Let us imagine for a minute the most beautiful moments of our lives? How do you mentally visualize those memories? Let us look at our surroundings. Did you see the constant changes taking place with time? The things you see, the sounds you hear, the activities you do, the decisions you make, and the thoughts in your mind always come in some sequence. These kinds of physical changes are sequential. Out of all the tools that we currently possess to model sequential data, which one has the highest accuracies in modeling such sequential data? You will find that the brain is the right answer.
Thankfully, we have a mathematical structure, the ordinary differential equations (ODEs), to capture the changes taking place with time. But do we have any computational analogies for such a magnificent learning model? Yes, the famous residual neural networks (RNNs). Then an obvious question arises — do we have a common link between both? Yes, absolutely. There is a different breed of neural models, the hybrids of both structures — Continuous-time models (CT).
CT models are mostly three types – Continuous-time RNNs, Continuous-time Gated Recurrent Units (CT-GRU), and Neural ODEs. These models are very successful in modeling time-series data from financial to medical domains. There were specific questions regarding the scope of improvement in their expressibility and limitations of their current forms to learn richer feature representations. To answer these open questions, MIT researchers unveiled a new class of a neural network that was selected in the prestigious AAAI 2021 venue. These are flexible enough to capture the data stream’s varying input distribution fed into it, even after completing their training. Such flexibility has conferred the ‘Liquid’ term to the networks, and they are now popular as liquid machine learning models.
Also Read: Concept-Whitening For Interpreting Neural Networks At Ease
In these models, there are not many successive hidden layers but only a set of differential equations. The hidden states are calculated from the states of the differential equation via an ODE solver. The authors allow updating the parameters, shared across all layers, based on the state from the ‘liquid’ machine learning model’s innate differential equations.
The design has drawn inspiration from biological neural systems. The lead author Hasani, in his doctoral thesis, had worked on designing worm-inspired neural networks. In this paper, the researcher chose a similar set of differential equations for the ‘liquid’ machine learning model that governs the neural dynamics of the nematode Caenorhabditis elegans with 302 neurons and 8000 synapses. In a related paper, the researcher had shown that bio-inspired CT models construct a Neural Circuit Policy where neurons have increased expressibility and interpretability.
To test their model, the researchers open-sourced the code for others to pit it against all other CT models. In the time-series modeling task, the model outperformed all CT models in four out of eight benchmarks. For the other four, the model was lagging with a minimal difference. The LTC model set the highest accuracy, 88.2%, on the Half-Cheetah kinematic modeling dataset. It travels the least distance amongst all other CT models in terms of trajectory length, reflecting the efficiency gains in parameter count.
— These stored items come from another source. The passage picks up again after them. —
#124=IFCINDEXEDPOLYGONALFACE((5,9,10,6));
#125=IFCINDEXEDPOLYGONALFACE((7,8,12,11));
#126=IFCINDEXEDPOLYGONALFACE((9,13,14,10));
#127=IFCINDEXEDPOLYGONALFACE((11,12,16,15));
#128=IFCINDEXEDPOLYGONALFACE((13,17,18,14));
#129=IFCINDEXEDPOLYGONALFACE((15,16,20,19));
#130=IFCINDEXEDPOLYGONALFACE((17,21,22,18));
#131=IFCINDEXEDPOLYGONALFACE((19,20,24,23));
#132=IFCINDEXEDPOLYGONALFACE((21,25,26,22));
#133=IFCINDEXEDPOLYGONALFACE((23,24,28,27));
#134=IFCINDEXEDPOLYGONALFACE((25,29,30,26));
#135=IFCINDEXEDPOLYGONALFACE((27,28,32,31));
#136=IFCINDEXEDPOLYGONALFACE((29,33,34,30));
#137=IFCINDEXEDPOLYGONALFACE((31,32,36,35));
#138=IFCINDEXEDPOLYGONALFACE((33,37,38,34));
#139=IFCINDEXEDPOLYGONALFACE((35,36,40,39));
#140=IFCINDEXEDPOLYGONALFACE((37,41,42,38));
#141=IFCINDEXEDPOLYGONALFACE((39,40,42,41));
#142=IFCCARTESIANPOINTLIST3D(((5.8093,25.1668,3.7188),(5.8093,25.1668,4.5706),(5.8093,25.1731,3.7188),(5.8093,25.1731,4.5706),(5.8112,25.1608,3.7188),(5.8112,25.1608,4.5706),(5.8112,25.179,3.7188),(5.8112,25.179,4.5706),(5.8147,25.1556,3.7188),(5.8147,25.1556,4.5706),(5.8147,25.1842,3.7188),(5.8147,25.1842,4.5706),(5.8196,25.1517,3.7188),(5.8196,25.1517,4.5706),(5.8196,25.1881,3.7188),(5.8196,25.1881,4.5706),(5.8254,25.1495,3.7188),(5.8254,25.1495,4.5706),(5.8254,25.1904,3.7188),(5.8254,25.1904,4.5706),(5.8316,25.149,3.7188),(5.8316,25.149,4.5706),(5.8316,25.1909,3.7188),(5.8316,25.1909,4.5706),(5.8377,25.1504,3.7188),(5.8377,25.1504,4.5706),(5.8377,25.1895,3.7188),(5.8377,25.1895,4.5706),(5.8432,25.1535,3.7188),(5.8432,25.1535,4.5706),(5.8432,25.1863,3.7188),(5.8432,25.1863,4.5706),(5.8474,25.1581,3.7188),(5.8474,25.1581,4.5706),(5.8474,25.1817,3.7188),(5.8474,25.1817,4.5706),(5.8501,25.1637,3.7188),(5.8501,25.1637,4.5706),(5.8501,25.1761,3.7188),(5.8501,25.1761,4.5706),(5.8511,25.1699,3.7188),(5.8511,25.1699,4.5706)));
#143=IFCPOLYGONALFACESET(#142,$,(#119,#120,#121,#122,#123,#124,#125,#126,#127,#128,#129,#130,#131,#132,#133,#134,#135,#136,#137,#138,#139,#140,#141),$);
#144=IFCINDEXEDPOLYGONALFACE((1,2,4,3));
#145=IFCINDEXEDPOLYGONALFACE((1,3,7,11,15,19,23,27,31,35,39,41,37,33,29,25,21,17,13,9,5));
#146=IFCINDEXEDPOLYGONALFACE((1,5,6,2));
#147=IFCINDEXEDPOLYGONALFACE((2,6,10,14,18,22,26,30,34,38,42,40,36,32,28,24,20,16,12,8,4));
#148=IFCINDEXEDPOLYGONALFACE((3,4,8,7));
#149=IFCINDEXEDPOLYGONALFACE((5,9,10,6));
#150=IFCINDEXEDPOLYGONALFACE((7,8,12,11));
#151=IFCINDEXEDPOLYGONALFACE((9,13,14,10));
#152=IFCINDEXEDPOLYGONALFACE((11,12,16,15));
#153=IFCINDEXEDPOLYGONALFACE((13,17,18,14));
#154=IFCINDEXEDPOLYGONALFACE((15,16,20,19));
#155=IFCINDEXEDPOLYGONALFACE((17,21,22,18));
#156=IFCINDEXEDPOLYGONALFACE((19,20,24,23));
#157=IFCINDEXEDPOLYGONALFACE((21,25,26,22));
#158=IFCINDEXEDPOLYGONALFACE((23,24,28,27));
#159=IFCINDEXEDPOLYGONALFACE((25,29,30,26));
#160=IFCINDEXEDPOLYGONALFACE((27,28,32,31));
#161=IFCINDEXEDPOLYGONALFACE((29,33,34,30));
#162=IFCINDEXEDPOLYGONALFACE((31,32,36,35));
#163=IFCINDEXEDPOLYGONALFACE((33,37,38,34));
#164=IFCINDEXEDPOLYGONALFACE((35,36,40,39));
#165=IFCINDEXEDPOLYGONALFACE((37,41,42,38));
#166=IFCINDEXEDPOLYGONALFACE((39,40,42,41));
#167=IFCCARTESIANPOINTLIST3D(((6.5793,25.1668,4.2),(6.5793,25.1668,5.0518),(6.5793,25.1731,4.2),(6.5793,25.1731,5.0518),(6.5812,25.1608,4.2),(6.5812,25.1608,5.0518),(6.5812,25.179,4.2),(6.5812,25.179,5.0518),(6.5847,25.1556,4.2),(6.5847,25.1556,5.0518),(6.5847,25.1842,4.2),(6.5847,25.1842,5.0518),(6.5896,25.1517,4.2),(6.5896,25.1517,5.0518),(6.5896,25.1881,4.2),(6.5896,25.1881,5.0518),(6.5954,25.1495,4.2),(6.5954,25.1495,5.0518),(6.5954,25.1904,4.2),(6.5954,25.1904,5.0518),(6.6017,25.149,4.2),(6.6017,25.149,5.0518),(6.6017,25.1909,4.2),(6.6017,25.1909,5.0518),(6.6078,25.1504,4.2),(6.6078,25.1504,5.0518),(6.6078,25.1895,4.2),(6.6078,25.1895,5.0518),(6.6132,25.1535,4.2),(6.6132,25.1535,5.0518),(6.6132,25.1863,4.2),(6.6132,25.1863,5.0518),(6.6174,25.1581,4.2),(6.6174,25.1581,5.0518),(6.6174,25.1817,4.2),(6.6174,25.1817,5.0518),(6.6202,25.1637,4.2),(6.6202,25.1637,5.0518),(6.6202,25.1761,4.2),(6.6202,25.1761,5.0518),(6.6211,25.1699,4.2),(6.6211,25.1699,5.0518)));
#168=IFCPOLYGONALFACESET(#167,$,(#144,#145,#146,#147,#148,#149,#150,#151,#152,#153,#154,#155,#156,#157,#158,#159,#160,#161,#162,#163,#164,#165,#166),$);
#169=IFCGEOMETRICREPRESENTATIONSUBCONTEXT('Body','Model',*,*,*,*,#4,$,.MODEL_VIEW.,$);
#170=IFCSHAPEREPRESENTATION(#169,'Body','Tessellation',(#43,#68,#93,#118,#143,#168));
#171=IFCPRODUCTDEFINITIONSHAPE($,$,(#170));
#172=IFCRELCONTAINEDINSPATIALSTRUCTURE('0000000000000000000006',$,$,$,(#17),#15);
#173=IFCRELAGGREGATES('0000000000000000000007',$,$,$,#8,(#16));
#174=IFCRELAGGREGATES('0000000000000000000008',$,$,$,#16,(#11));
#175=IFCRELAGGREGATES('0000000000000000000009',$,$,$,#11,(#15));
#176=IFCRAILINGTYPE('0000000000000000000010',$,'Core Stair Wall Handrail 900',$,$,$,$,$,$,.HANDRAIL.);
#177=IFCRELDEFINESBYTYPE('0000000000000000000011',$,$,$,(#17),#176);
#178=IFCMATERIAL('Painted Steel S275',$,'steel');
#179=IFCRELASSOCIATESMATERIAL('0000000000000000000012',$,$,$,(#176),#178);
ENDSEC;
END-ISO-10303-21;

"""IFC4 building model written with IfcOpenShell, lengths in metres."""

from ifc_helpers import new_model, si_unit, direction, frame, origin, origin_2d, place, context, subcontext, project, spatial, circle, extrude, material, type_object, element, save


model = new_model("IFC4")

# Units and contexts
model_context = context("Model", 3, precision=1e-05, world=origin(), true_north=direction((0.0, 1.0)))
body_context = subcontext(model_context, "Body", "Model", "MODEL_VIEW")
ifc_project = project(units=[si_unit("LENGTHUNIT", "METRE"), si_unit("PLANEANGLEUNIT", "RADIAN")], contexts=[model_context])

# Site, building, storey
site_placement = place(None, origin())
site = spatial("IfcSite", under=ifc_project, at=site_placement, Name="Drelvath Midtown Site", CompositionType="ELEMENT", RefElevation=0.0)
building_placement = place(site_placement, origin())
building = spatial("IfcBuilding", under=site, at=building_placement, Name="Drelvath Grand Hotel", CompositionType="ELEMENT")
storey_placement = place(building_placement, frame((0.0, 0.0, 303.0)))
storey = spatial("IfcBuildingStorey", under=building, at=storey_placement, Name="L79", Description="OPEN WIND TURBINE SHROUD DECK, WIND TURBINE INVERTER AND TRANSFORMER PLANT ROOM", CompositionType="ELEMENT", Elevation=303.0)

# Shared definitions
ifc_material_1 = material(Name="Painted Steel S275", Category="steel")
The smaller network results in lesser data requirement and energy cost for training but faster inference time.
As impact evaluation, the researchers claim that the liquid machine learning models can help in decision making where uncertainties prevail the most — medical diagnosis and autonomous driving. In learning richer representations with fewer nodes, they are hopeful of computationally efficient applications in signal processing domains like robot control, natural language processing, and video processing.
The researchers, however, pointed out the increased memory footprint. They also noted the absence of long-term dependencies that remains the core of all state-of-the-art sequential models. The most considerable drawback of all is the dependency on the numerical optimization of specific ODE solvers. Hence, the implementations may not be used in an industrial setting as of now.